To investigate the possible role of canonical WNT signaling in mediating the chondrogenic phenotypes of hFZD2-infected cultures, we examined the expression of nuclear β-catenin, a marker of active canonical WNT signaling. In GFP- and wt hFZD2-infected cultures, most nuclear β-catenin-expressing cells were found at the periphery of the cultures and excluded from the cartilage (Fig. 5A,B; Table S12). In contrast, in 425C>T- and 1301G>T-infected cultures, chondrocytes residing in the cartilage matrix also expressed nuclear β-catenin (Fig. 5C,D). Quantification of the proportion of cells expressing nuclear β-catenin revealed that 425C>T- and 1301G>T-infected cultures had a significantly higher number of nuclear β-catenin-positive chondrocytes compared to that in GFP- and wt hFZD2-infected cultures (Fig. 5I). This implies that the variants maintain canonical β-catenin mediated signaling longer than wt hFZD2. The levels of CTNNB1 RNA were not significantly different between wt hFZD2- and variant hFZD2-infected day 8 cultures (Fig. S5B), but nuclear shuttling was affected as shown by antibody staining. The mechanism for decreased cartilage in wt hFZD2-infected cultures appears to be different than that in variant-infected cultures and does not involve the translocation of β-catenin to the nucleus.

Fig. 5. — **hFZD2 variants increased expression of nuclear β-catenin and TWIST1 on day 8.** (A,B) In *GFP-* or wt hFZD2 virus-infected cultures, nuclear-β-catenin was found in fibroblasts at the superior and inferior edges. (C,D) In variant hFZD2-infected cultures, nuclear β-catenin was present in cartilage-forming regions. (E-Hʹ) Serial sections of the same cultures showing expression of TWIST1 and COL2A1 (E′-H′). Vertical brighter bands in G′,H,Hʹ are artifacts due to folds in the paraffin sections. See Table S12 for a list of cultures analyzed. Scale bars: 50 µm. (I) Quantification of β-catenin-positive cells showed that 40-60% of the cells in the variant hFZD2-infected cultures expressed nuclear β-catenin. (J) Quantification of TWIST1-positive cells showed an increase in the variant-infected cultures. Error bars show mean±s.d. One-way ANOVA and Tukey's post hoc test were used for multiple comparisons. ns, not significant; *P<0.05; **P<0.01; ***P<0.001; ****P≤0.0001.

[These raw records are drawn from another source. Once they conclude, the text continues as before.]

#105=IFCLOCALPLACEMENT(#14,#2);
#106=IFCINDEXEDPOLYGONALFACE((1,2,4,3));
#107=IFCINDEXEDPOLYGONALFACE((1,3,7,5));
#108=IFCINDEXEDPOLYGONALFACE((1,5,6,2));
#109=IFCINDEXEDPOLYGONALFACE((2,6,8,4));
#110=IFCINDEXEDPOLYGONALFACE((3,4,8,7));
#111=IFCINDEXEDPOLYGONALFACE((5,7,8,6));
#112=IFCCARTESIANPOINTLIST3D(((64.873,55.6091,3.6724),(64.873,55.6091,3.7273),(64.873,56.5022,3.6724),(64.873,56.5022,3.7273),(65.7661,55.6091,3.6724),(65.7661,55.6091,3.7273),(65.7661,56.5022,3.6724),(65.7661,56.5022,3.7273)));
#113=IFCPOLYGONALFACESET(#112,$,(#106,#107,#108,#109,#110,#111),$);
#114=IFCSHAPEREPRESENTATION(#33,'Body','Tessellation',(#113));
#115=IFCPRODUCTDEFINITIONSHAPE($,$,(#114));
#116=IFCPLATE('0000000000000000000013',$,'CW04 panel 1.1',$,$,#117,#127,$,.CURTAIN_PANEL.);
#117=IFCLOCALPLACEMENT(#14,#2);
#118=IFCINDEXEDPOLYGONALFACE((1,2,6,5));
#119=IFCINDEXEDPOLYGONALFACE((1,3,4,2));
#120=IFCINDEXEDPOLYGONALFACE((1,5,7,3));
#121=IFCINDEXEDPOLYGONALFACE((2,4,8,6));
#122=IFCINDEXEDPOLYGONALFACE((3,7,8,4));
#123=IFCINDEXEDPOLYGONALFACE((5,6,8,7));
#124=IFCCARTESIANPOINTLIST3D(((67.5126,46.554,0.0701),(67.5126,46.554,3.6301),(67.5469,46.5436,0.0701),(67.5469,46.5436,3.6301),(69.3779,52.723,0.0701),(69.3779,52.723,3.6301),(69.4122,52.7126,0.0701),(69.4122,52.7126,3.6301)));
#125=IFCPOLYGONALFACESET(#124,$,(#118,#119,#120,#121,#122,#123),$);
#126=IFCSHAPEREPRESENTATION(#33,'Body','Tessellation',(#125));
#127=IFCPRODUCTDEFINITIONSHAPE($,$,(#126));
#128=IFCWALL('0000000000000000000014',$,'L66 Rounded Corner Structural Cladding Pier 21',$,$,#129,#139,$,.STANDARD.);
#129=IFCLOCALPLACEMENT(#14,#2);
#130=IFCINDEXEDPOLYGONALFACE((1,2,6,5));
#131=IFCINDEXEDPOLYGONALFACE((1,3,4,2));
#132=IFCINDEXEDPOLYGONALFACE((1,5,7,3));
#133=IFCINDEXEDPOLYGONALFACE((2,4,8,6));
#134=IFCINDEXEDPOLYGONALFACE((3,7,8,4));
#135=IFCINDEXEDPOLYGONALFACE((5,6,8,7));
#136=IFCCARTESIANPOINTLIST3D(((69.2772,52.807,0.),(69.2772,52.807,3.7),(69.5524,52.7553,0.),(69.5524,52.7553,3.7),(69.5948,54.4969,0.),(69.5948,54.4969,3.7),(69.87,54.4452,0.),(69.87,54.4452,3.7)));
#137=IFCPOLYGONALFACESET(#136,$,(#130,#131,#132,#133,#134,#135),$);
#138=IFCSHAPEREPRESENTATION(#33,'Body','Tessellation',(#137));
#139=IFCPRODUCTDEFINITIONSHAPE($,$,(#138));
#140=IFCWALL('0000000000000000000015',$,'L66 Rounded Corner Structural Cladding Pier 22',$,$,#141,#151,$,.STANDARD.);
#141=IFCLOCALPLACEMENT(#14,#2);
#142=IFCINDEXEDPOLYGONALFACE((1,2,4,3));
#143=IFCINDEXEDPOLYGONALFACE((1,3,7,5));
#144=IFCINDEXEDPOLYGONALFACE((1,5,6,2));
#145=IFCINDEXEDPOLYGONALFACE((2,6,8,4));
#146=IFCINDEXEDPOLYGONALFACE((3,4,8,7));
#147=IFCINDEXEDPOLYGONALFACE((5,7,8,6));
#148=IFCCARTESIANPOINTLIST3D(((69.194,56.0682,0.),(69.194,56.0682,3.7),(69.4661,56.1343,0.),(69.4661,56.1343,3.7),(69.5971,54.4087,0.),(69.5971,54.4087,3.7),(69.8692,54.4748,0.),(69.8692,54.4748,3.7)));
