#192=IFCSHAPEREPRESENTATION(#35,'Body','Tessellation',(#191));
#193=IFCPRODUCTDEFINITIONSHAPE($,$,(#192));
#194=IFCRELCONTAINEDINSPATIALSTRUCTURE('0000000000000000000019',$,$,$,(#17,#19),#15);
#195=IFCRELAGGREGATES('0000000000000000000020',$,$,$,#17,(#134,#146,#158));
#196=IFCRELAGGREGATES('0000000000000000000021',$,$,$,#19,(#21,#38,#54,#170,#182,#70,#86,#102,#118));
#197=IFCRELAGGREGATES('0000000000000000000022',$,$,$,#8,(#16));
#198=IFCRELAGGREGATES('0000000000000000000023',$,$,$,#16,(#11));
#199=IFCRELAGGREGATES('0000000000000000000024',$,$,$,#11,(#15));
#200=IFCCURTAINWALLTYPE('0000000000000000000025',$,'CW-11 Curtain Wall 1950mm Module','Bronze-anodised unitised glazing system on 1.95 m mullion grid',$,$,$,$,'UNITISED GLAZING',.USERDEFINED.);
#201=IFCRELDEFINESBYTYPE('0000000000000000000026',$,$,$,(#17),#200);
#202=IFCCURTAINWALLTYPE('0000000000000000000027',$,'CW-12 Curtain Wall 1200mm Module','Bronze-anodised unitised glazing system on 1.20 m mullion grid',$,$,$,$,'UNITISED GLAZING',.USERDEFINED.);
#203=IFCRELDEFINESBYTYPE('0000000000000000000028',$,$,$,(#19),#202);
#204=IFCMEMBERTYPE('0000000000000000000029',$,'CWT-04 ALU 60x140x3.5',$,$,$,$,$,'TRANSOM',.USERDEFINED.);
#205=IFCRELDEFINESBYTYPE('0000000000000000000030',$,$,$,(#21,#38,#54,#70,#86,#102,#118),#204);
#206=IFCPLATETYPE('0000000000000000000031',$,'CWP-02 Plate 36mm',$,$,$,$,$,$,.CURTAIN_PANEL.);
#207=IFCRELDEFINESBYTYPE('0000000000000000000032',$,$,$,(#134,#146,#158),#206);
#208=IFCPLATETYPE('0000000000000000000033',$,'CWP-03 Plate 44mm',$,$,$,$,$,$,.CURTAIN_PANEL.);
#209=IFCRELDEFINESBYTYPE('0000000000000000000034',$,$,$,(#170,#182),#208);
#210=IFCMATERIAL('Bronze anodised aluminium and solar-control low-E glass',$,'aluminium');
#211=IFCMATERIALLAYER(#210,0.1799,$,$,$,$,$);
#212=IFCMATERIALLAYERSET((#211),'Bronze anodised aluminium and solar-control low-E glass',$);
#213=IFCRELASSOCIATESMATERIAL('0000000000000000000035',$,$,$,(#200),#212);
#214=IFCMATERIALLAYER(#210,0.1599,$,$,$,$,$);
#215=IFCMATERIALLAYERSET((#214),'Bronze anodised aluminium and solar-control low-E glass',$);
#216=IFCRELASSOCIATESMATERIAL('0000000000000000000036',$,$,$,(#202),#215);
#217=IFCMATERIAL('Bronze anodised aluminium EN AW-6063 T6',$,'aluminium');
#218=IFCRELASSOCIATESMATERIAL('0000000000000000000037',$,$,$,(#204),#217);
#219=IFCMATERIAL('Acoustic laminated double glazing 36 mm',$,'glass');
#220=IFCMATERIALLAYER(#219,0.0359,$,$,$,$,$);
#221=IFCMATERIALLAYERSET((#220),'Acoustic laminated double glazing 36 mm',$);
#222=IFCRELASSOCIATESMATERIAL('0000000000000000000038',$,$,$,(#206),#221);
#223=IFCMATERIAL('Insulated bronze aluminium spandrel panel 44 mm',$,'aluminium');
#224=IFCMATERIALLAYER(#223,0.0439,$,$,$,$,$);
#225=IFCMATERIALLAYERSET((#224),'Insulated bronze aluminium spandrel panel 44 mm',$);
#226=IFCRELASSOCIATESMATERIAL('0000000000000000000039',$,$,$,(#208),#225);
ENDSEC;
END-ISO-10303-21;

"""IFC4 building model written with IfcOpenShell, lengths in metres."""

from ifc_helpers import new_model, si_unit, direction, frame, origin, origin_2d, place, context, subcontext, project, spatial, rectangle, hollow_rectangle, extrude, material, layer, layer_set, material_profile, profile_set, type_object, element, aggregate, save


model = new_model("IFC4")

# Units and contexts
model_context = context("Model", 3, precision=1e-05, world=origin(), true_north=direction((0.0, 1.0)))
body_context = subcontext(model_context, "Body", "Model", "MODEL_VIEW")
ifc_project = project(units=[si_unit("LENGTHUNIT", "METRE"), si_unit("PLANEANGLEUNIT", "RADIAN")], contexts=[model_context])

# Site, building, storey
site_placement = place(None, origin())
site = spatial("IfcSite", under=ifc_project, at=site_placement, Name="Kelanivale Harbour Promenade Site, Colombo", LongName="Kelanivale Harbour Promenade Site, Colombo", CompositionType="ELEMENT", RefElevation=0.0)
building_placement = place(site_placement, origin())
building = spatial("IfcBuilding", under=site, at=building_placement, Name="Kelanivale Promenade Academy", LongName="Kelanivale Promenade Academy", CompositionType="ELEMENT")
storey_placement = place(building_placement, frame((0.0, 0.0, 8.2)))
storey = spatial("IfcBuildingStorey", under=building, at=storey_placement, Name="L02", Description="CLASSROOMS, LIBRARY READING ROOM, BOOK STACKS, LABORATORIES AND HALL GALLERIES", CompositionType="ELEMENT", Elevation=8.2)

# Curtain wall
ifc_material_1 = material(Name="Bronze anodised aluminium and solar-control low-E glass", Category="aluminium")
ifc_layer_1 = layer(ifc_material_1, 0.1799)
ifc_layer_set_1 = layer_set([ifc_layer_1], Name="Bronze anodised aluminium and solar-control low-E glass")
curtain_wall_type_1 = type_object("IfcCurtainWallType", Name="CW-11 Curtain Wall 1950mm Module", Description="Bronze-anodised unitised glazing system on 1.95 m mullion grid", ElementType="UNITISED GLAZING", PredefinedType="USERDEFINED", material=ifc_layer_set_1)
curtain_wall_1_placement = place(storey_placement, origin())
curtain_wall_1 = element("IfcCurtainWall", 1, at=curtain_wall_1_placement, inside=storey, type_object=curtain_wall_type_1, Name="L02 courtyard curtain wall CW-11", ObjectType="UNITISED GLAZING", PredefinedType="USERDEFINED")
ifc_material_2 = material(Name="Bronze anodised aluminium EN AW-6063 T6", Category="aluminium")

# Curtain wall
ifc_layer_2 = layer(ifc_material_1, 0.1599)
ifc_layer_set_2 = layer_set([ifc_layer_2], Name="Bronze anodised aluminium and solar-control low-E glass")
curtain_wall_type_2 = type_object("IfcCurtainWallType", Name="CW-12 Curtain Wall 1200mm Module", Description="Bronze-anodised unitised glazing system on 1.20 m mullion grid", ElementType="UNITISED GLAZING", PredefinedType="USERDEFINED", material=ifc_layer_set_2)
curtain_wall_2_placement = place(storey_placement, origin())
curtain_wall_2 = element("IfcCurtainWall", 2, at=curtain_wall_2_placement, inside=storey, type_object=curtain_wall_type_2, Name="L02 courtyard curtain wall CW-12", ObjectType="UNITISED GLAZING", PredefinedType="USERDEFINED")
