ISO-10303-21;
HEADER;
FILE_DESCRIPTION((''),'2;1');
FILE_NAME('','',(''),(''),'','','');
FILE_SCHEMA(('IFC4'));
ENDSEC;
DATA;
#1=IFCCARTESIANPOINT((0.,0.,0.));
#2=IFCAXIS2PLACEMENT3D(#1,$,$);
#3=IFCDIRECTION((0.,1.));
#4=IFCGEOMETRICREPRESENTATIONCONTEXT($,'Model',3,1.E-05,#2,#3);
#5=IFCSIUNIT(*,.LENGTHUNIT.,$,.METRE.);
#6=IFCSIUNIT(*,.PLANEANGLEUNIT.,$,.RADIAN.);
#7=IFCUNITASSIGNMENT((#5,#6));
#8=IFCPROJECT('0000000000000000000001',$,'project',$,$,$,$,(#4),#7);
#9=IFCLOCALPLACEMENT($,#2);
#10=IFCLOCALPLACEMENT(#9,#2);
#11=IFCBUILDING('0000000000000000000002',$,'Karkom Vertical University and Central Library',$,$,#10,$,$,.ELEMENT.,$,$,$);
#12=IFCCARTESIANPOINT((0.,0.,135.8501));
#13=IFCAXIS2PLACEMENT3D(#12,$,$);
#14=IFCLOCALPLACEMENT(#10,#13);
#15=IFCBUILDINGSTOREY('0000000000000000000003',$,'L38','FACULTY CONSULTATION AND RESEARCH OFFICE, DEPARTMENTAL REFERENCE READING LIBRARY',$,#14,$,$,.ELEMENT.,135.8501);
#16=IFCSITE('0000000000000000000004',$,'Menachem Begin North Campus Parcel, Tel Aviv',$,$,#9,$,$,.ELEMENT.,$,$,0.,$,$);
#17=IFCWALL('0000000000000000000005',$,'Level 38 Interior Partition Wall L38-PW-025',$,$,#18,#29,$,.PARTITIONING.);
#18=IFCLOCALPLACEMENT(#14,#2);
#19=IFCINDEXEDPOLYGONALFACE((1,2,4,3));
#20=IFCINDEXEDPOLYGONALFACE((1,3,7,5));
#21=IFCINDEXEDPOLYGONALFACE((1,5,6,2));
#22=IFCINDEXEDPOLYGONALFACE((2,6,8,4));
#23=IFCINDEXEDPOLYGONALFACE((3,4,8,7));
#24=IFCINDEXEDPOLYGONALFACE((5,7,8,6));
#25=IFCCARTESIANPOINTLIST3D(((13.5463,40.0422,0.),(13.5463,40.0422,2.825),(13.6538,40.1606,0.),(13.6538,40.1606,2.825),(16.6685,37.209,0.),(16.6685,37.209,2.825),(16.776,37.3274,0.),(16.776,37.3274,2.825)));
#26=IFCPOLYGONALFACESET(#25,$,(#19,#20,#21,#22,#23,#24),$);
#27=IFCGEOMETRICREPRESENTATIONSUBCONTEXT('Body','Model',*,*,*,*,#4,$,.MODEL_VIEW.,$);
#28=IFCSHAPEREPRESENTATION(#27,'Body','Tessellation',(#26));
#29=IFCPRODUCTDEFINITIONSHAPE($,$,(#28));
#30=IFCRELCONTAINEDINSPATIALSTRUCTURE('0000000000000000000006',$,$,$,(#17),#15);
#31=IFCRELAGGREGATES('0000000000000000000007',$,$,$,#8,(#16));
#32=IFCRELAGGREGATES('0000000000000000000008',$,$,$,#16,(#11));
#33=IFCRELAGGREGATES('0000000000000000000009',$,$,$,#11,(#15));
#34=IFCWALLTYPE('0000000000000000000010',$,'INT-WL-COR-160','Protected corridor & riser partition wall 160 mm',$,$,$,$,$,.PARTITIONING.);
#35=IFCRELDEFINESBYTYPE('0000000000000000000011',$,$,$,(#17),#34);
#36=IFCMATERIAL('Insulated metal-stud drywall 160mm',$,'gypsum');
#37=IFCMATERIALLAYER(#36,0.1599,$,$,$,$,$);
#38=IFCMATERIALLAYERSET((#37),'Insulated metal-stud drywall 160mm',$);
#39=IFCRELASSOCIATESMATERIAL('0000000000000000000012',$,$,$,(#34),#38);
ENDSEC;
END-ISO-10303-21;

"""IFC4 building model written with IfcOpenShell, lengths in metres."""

from ifc_helpers import new_model, si_unit, direction, frame, frame_2d, origin, place, context, subcontext, project, spatial, rectangle, extrude, material, layer, layer_set, type_object, element, save


model = new_model("IFC4")

# Units and contexts
model_context = context("Model", 3, precision=1e-05, world=origin(), true_north=direction((0.0, 1.0)))
body_context = subcontext(model_context, "Body", "Model", "MODEL_VIEW")
ifc_project = project(units=[si_unit("LENGTHUNIT", "METRE"), si_unit("PLANEANGLEUNIT", "RADIAN")], contexts=[model_context])

# Site, building, storey
site_placement = place(None, origin())
site = spatial("IfcSite", under=ifc_project, at=site_placement, Name="Menachem Begin North Campus Parcel, Tel Aviv", CompositionType="ELEMENT", RefElevation=0.0)
building_placement = place(site_placement, origin())
building = spatial("IfcBuilding", under=site, at=building_placement, Name="Karkom Vertical University and Central Library", CompositionType="ELEMENT")
storey_placement = place(building_placement, frame((0.0, 0.0, 135.8501)))
storey = spatial("IfcBuildingStorey", under=building, at=storey_placement, Name="L38", Description="FACULTY CONSULTATION AND RESEARCH OFFICE, DEPARTMENTAL REFERENCE READING LIBRARY", CompositionType="ELEMENT", Elevation=135.8501)

# Shared definitions
ifc_material_1 = material(Name="Insulated metal-stud drywall 160mm", Category="gypsum")
ifc_layer_1 = layer(ifc_material_1, 0.1599)
ifc_layer_set_1 = layer_set([ifc_layer_1], Name="Insulated metal-stud drywall 160mm")
wall_type_1 = type_object("IfcWallType", Name="INT-WL-COR-160", Description="Protected corridor & riser partition wall 160 mm", PredefinedType="PARTITIONING", material=ifc_layer_set_1)

# Wall
wall_1_placement = place(storey_placement, frame((16.7222, 37.2683, 0.0), z_axis=(0.0, 0.0, 1.0), x_axis=(-0.740556, 0.671995, 0.0)))
element("IfcWall", 1, at=wall_1_placement, inside=storey, type_object=wall_type_1, Name="Level 38 Interior Partition Wall L38-PW-025", PredefinedType="PARTITIONING", context=body_context, shape_type="SweptSolid", body=[
    extrude(rectangle(XDim=4.2161, YDim=0.1599, at=frame_2d((2.1079, 0.0))), origin(), (0.0, 0.0, 1.0), 2.825),
])

save(model, "model.ifc")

As another readout of the β-catenin pathway, we examined whether chondrocytes expressed TWIST1, an established repressor of SOX9 (Goodnough et al., 2012). Interestingly, we observed that the TWIST1-positive chondrocytes were more abundant in the 425C>T and 1301G>T variant-infected cultures compared to in GFP-infected cultures (Fig. 5E-H′,J). This suggests that the hFZD2 variants cause β-catenin to enter the nucleus, which may activate the expression of the chondrogenic repressor TWIST1, ultimately inhibiting chondrogenesis in vitro.

We next analyzed whether hFZD2 viruses reduced cell proliferation and increased cell death, thereby contributing to reduced thickness and chondrogenesis in the cultures. On day 6, BrdU labeled proliferating chondrocytes throughout the cartilage-forming area (Fig. S6A-D; n=7-9, Table S7). However, by day 8, there were almost no proliferating cells in the culture (Fig. S6E-H; n=4-6, Table S7), consistent with differentiation into chondrocytes. There was no visible difference in cell proliferation between the viruses. Apoptotic cells increased between day 6 and day 8 across all virus-infected culture conditions (Fig. S6I-P). Quantification revealed no wt or variant hFZD2 effects on apoptosis at day 8 (Fig. S6Q,R). We also checked RNA expression of target genes in the WNT and BMP pathway but did not find significant differences between wt hFZD2 and variant forms of hFZD2 (Fig. S5A,B). In addition, there was no change in the expression of endogenous gFZD2, ruling out feedback loops (Fig. S5C).

Overall, the data indicate that the failure of cultures to grow in thickness is not related to the reduction of gene expression targets, proliferation or increased apoptosis but is likely due to a general inhibition of cartilage matrix synthesis. The ectopic expression of β-catenin and TWIST1 that is only seen in variant-infected cultures suggests that molecular inhibition of chondrogenesis also contributes to the reduced growth of the cultures.

hFZD2 variants have dominant-negative effects on wt hFZD2 function

To clarify the activity levels of canonical and non-canonical WNT signaling, plasmids containing either wt or variant hFZD2 were transiently transfected into frontonasal mass micromass cultures and luciferase assays were carried out. This approach ensured consistency in DNA levels and the signaling context of the facial mesenchyme was preserved. For a comparison, we also used HEK293T cells, a cell line commonly employed for luciferase assays.

The Super TOPFlash reporter (STF) is a highly sensitive reporter that detects β-catenin/TCF-driven transcriptional activity (Veeman et al., 2003). In frontonasal mass cultures, the addition of wt hFZD2 strongly activated STF compared to the empty vector (pcDNA3.2) (Fig. 6A). This suggested that hFZD2 activated the canonical pathway by utilizing endogenous WNT ligands in chicken facial mesenchyme. STF activation was significantly lower for the 425C>T variant compared to that for wt hFZD2; however, STF activation for the 1301G>T variant was similar to that for wt hFZD2 (Fig. 6A). The addition of human WNT3A (hWNT3A) strongly activated STF and STF levels were significantly elevated in the presence of all hFZD2 plasmids compared to the empty vector, except that the 425C>T variant showed significantly weaker activity compared to that for wt hFZD2 (Fig. 6B).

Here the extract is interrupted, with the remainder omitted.